Riding wise, we have a lot to seriously work on. So when we go play he seems to really enjoy it. I have a lot to work on to avoid giving him mixed messages!!!!!!!!!!!!!!!!!!!!

Tragedy Strikes

Jody and Karen had been on a trip in Central America. They flew from San Diego to Costa Rica (ironically), because it was too dangerous to drive in Central America. They bused through Central America, and were now driving back to where Jody lived in Vancouver British Columbia. They had stopped for a rest at Jody’s father’s condominium in Palm Spring’s California. Jody’s mother (Gail Schloss) was called late in the evening, because her name was an emergency contact on Jody’s passport.

It was after a beautiful stress free trip to Central America that the nightmare began.

I would say that it continues to this day, but I am proud of myself for all that I have accomplished! We flew back to San Diego from Mexico City. Unfortunately or fortunately, or fortunately due to Retrograde Amnesia the airport in Mexico City is the last thing I remember before my accident. From Mexico City we flew to San Diego. We got a drive to my dad’s condo in Palm Springs, and then we decided that we were going to Las Vegas. This meant driving the entire trip through the desert. At time that sounded fine. We had been given no warnings that my car was top heavy, so we didn’t think twice about going. The wind in the desert was wild that day! I don’t remember any of this, so I can only tell you what I have been told. We were on the highway, and we got caught by the wind, My car flipped four times. Unfortunately Karen’s head hit the glass window, and she died quickly. I broke four ribs, punctured my lung, broke my jaw, and I got a severe closed head injury.

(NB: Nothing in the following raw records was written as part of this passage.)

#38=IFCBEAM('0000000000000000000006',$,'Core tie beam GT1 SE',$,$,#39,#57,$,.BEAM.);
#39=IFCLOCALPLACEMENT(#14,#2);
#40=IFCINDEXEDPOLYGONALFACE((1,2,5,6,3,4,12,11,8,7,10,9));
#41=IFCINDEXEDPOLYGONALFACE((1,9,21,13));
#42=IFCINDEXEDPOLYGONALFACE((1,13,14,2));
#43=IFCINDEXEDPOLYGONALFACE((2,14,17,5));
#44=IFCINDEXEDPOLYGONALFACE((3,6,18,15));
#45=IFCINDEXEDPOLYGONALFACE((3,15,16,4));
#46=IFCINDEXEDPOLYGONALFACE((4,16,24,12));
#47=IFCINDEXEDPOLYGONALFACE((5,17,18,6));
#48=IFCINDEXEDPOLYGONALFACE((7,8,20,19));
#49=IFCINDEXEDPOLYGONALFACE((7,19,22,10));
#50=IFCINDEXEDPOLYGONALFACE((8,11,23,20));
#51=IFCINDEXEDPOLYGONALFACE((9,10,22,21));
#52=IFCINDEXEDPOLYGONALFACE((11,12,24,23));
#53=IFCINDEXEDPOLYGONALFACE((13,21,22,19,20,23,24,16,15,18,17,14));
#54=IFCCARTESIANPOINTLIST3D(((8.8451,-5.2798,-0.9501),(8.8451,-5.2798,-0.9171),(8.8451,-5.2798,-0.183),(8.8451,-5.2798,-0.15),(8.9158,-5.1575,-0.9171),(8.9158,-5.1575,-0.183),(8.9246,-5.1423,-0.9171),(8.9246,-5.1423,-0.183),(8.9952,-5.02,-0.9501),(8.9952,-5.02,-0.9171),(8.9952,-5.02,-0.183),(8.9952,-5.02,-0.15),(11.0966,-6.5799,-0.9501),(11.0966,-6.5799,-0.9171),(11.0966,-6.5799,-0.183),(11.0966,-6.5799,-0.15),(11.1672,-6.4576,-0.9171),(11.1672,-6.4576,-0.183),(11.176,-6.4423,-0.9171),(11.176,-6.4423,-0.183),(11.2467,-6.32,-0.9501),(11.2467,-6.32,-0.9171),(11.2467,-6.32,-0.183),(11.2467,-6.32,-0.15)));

An ER nurse came to my accident site, which was fortunate, because she knew not to move my head. I was taken to the San Bernadino Hospital by emergency helicopter . My mom was called because I had written the number in my passport. They knew who we were only because Karen was 5’1, and I was 5″9. I was in a severe coma with a glasgow scale of 4. Karen’s family had a funeral in Muskoka near the lake that Karen loved. My best friend was Karen’s sister Joanne. After the funeral, they came back, so Joanne could be there for me.

After that started the tedious, very long and trying Rehabilitation period of my life.